Editorials: NC must repair or repeal police body cam law

Two more editorials from major media outlets are blasting the new state law regulating access to video derived from police body cameras that’s set to go into effect on Saturday. This is from an editorial in the Winston-Salem Journal entitled “Legislature needs to repeal police cam law”:

“After last week’s shooting in Charlotte, we again urge the legislature to rescind its wrongheaded law that will prevent most police body cam- and dashboard footage from being made public. Transparency is everything in public trust.

In a press release last week, Andy Miller, the president of the N.C. Sheriff Police Alliance, defended the law, stating, ‘The new Body Camera Law … all but eliminates the typical political agendas of different politicians and narrative movement groups.’

But it should be obvious that no political agendas or opinions were eliminated because these recordings were kept out of the public eye. Instead, the withholding made the situation worse….

Law-enforcement officers perform a difficult and sometimes dangerous task that’s necessary for society to function smoothly. For the most part, officers operate with courage and integrity, which video footage can verify.

In a relative few cases, a bad apple misbehaves. Video footage can verify that, also. But not if it’s buried.

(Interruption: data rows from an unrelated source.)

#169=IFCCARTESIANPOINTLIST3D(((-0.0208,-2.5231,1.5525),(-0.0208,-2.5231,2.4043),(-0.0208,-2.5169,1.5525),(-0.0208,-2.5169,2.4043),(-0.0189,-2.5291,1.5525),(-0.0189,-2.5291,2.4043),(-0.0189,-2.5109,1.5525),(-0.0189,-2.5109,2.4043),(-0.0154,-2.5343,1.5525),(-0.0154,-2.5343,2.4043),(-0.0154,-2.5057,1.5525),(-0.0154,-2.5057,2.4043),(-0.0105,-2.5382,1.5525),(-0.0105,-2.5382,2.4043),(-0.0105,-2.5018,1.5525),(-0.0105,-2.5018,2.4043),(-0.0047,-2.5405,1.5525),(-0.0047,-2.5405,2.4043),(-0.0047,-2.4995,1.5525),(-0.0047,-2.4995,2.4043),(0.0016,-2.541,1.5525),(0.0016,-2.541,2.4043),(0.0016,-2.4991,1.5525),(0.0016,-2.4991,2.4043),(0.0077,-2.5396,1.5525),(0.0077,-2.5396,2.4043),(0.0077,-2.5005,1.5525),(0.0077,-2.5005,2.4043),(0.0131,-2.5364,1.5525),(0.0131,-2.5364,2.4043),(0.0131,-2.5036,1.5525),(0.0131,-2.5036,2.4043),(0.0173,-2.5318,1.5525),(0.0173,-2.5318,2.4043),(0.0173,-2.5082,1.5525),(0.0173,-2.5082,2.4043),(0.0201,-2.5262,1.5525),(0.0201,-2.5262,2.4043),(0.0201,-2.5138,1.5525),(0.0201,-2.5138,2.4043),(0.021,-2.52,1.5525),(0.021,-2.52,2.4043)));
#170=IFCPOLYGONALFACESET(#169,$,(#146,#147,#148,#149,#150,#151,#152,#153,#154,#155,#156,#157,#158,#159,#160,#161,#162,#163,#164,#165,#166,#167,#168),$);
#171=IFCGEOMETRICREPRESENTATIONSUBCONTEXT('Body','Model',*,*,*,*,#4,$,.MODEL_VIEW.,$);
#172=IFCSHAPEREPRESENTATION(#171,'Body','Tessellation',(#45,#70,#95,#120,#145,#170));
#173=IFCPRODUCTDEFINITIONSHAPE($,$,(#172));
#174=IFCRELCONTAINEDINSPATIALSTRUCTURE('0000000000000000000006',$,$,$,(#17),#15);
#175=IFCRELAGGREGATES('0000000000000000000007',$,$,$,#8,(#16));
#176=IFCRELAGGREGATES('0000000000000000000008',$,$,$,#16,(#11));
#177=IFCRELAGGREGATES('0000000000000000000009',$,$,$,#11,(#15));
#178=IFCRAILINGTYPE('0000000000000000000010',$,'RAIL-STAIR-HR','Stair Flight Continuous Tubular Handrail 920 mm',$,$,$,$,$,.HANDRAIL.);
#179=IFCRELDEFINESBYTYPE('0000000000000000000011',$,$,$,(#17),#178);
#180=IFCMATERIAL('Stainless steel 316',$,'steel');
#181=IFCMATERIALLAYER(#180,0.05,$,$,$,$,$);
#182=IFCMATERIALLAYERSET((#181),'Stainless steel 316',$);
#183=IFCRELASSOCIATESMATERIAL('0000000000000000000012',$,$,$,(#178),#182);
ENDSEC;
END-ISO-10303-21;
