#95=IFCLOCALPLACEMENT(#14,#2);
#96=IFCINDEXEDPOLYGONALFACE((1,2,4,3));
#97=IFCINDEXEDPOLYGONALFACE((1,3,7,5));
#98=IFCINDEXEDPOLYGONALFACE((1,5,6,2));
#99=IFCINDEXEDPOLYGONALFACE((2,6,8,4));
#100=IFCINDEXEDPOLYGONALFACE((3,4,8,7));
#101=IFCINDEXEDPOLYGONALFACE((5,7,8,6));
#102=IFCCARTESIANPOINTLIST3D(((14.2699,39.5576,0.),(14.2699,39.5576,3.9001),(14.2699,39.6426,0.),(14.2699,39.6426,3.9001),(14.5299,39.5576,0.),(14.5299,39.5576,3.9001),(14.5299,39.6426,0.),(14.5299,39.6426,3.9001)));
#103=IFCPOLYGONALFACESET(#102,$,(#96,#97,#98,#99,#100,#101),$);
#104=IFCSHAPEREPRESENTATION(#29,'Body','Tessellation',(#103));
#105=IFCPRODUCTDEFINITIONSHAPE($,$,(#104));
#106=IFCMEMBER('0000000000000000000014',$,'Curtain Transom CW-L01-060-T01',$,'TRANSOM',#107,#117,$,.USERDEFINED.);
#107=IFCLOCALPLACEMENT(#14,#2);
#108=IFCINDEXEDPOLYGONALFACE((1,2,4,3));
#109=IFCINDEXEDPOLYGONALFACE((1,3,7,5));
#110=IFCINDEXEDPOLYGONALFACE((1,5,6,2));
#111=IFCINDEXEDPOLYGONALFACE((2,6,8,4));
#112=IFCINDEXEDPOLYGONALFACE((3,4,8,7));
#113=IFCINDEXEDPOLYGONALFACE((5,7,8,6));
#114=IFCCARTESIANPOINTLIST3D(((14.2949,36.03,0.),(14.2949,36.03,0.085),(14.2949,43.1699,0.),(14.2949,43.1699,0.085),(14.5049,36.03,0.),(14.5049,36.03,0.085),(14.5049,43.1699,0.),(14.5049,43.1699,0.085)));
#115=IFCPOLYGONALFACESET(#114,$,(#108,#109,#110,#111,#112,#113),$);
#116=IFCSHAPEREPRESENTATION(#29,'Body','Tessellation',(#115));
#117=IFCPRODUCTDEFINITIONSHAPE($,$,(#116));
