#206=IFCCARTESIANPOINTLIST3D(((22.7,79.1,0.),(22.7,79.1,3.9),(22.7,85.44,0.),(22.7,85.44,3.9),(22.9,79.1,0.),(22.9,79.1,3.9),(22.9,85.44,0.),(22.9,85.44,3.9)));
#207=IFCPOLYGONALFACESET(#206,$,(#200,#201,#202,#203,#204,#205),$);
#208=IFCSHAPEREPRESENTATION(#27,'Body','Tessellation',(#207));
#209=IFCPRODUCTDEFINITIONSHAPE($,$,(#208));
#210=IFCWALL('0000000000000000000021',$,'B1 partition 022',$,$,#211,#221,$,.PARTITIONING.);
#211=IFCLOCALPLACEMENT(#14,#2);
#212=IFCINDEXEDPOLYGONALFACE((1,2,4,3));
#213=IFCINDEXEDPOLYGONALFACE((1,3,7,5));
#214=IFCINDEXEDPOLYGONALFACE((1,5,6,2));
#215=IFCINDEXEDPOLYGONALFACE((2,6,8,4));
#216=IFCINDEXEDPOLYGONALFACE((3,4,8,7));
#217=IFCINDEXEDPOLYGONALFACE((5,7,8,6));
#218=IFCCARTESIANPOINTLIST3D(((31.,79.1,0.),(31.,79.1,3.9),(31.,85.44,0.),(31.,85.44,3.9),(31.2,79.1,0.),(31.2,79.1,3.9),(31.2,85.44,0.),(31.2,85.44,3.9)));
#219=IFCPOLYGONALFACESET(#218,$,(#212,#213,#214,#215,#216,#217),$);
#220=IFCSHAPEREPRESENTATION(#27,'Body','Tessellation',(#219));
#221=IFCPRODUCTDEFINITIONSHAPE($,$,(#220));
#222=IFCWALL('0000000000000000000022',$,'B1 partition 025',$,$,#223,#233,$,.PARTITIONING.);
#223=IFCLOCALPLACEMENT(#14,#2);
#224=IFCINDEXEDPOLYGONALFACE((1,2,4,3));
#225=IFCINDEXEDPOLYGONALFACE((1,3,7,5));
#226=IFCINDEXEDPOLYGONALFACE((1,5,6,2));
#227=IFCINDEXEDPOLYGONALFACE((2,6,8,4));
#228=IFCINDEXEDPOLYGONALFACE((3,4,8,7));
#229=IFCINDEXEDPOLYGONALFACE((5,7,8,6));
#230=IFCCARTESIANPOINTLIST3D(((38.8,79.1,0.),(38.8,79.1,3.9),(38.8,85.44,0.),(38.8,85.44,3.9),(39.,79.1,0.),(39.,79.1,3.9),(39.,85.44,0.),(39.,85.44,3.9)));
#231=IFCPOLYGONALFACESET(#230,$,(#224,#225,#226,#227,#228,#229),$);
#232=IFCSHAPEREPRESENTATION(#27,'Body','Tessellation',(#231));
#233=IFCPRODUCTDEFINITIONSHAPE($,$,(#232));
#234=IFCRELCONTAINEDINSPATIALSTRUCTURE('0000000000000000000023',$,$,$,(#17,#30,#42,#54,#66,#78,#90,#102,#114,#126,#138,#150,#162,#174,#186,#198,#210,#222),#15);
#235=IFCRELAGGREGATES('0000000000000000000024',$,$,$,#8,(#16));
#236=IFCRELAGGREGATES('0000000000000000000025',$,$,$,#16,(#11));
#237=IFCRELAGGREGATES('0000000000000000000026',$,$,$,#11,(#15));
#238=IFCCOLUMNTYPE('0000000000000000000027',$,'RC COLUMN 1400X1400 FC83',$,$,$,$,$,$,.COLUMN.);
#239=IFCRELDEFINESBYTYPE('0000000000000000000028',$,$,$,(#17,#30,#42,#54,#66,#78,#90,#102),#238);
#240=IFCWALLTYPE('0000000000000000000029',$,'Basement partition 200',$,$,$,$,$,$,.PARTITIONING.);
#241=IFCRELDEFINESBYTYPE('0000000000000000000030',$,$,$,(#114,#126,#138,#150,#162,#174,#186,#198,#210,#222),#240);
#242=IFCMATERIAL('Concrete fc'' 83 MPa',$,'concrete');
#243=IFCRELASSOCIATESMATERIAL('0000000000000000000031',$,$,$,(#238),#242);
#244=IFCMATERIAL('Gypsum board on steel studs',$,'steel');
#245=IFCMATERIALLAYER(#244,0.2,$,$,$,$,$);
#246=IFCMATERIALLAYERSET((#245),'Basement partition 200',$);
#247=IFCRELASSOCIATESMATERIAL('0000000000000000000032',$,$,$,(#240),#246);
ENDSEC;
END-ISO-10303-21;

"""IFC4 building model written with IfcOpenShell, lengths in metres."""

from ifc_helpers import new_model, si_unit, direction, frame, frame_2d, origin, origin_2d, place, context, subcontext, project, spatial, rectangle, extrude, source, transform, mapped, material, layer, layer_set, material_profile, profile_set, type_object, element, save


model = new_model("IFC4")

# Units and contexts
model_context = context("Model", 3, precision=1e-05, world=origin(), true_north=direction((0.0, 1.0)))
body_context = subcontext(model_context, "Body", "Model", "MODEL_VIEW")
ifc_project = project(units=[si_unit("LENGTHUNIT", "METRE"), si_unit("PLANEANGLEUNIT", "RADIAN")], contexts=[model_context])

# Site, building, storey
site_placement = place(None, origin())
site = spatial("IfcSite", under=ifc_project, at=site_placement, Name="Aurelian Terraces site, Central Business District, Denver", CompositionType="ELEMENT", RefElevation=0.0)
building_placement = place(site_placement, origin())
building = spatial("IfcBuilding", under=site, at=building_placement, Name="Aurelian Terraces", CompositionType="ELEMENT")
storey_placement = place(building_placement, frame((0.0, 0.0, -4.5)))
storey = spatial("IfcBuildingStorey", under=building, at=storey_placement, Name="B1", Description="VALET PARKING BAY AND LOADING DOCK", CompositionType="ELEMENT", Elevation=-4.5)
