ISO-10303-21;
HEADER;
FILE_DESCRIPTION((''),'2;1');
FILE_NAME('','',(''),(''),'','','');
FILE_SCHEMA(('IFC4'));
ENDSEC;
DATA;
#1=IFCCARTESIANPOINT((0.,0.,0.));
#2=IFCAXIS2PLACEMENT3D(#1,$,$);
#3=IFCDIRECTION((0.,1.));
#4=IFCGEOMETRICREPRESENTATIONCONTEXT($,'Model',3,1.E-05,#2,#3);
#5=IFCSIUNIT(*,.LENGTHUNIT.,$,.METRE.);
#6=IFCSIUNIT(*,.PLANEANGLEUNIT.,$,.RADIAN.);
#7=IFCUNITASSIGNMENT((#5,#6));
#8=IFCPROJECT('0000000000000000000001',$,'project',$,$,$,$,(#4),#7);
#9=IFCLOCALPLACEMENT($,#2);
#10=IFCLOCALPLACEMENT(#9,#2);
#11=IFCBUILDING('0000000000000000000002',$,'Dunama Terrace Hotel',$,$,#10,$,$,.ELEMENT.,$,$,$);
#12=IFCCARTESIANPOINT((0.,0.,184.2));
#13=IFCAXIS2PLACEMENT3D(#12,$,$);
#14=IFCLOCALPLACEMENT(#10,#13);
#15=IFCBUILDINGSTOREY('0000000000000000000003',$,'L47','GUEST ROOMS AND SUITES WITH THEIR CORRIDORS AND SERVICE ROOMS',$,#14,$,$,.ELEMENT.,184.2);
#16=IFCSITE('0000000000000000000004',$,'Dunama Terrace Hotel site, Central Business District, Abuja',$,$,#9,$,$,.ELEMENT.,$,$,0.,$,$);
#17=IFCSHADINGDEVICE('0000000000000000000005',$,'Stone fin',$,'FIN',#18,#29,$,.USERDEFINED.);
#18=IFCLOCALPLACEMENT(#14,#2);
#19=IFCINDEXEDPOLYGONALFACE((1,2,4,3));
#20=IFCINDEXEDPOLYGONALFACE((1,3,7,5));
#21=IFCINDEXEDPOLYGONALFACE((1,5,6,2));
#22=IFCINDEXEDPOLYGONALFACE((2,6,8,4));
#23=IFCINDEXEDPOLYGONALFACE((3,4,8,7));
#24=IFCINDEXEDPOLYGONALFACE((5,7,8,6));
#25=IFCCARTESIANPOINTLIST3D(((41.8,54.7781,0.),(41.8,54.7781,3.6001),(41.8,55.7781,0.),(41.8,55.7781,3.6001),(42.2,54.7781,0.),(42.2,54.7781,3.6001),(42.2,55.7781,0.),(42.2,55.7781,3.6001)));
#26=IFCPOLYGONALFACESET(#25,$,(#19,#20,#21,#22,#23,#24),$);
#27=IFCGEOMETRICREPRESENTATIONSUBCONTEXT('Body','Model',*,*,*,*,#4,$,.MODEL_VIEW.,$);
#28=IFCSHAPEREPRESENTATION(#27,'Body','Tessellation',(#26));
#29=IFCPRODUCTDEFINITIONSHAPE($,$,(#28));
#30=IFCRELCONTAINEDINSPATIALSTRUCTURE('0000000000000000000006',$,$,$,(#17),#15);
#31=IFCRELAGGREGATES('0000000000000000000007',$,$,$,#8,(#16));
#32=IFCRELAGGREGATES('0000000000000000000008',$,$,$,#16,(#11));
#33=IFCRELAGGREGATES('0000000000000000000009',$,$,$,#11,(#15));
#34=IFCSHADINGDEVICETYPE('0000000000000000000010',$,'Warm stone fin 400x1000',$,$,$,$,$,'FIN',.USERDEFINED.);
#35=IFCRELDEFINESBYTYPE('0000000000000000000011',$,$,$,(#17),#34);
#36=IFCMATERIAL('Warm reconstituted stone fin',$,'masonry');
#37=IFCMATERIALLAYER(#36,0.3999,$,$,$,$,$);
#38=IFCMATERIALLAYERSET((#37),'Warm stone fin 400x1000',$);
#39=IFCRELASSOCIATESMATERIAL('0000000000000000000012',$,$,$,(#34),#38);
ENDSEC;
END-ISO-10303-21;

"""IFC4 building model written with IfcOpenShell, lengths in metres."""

from ifc_helpers import new_model, si_unit, direction, frame, origin, origin_2d, place, context, subcontext, project, spatial, rectangle, extrude, material, layer, layer_set, type_object, element, save


model = new_model("IFC4")

# Units and contexts
model_context = context("Model", 3, precision=1e-05, world=origin(), true_north=direction((0.0, 1.0)))
body_context = subcontext(model_context, "Body", "Model", "MODEL_VIEW")
ifc_project = project(units=[si_unit("LENGTHUNIT", "METRE"), si_unit("PLANEANGLEUNIT", "RADIAN")], contexts=[model_context])

# Site, building, storey
site_placement = place(None, origin())
site = spatial("IfcSite", under=ifc_project, at=site_placement, Name="Dunama Terrace Hotel site, Central Business District, Abuja", CompositionType="ELEMENT", RefElevation=0.0)
building_placement = place(site_placement, origin())
building = spatial("IfcBuilding", under=site, at=building_placement, Name="Dunama Terrace Hotel", CompositionType="ELEMENT")
storey_placement = place(building_placement, frame((0.0, 0.0, 184.2)))
storey = spatial("IfcBuildingStorey", under=building, at=storey_placement, Name="L47", Description="GUEST ROOMS AND SUITES WITH THEIR CORRIDORS AND SERVICE ROOMS", CompositionType="ELEMENT", Elevation=184.2)

# Shading device
ifc_material_1 = material(Name="Warm reconstituted stone fin", Category="masonry")
ifc_layer_1 = layer(ifc_material_1, 0.3999)
ifc_layer_set_1 = layer_set([ifc_layer_1], Name="Warm stone fin 400x1000")
shading_device_type = type_object("IfcShadingDeviceType", Name="Warm stone fin 400x1000", ElementType="FIN", PredefinedType="USERDEFINED", material=ifc_layer_set_1)
shading_device_placement = place(storey_placement, frame((42.0, 55.2781, 0.0), z_axis=(0.0, 0.0, 1.0), x_axis=(-1.0, 0.0, 0.0)))
element("IfcShadingDevice", 1, at=shading_device_placement, inside=storey, type_object=shading_device_type, Name="Stone fin", ObjectType="FIN", PredefinedType="USERDEFINED", context=body_context, shape_type="SweptSolid", body=[
    extrude(rectangle(XDim=0.3999, YDim=1.0, at=origin_2d()), origin(), (0.0, 0.0, 1.0), 3.6001),
])

save(model, "model.ifc")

It’s not too late for the legislature to repeal this wrongheaded law.”

Click here to read the entire editorial.

And this is from a Broadcasting editorial entitled “Outcry over Charlotte police shooting shows NC’s police body cam law needs revision”:

“But now, days before House Bill 972, “Law Enforcement Recordings/No Public Record” becomes effective, significant weaknesses and concerns are all too obvious in this bill passed in a rush.

First, and foremost, the new law says the police videos are NOT public records. Unlike nearly all other information collected by government officials at taxpayer expense that is considered a public record, these recordings are not. So, instead of government officials having to prove why the information should NOT be available, it is taxpayers who must prove, in court, the public has a right to the video.

At a signing ceremony photo-op, McCrory said the new law would “gain the public trust by promoting uniformity, clarity and transparency.” The law does achieve two of the governor’s criteria. Providing uniformity and clarity in how such recordings are handled across the state removes guess work and confusion among the state’s various local and regional public safety agencies.

However, the law utterly fails in its most crucial aspect — transparency.

When the public is denied access to information, there is no transparency, there is no way for taxpayers to independently determine if a version of events described by the accused, witnesses, or law enforcement, is accurate….

The General Assembly should, as soon as possible, revise the law and make sure the recordings are public records with appropriate provisions for citizens to easily gain access to the recordings.

Assuring the public has access to information about the conduct of law enforcement in their community rarely conflicts with the conduct of investigations. But hiding that information can easily damage the hard-earned confidence law enforcement agency seek to develop in their communities.”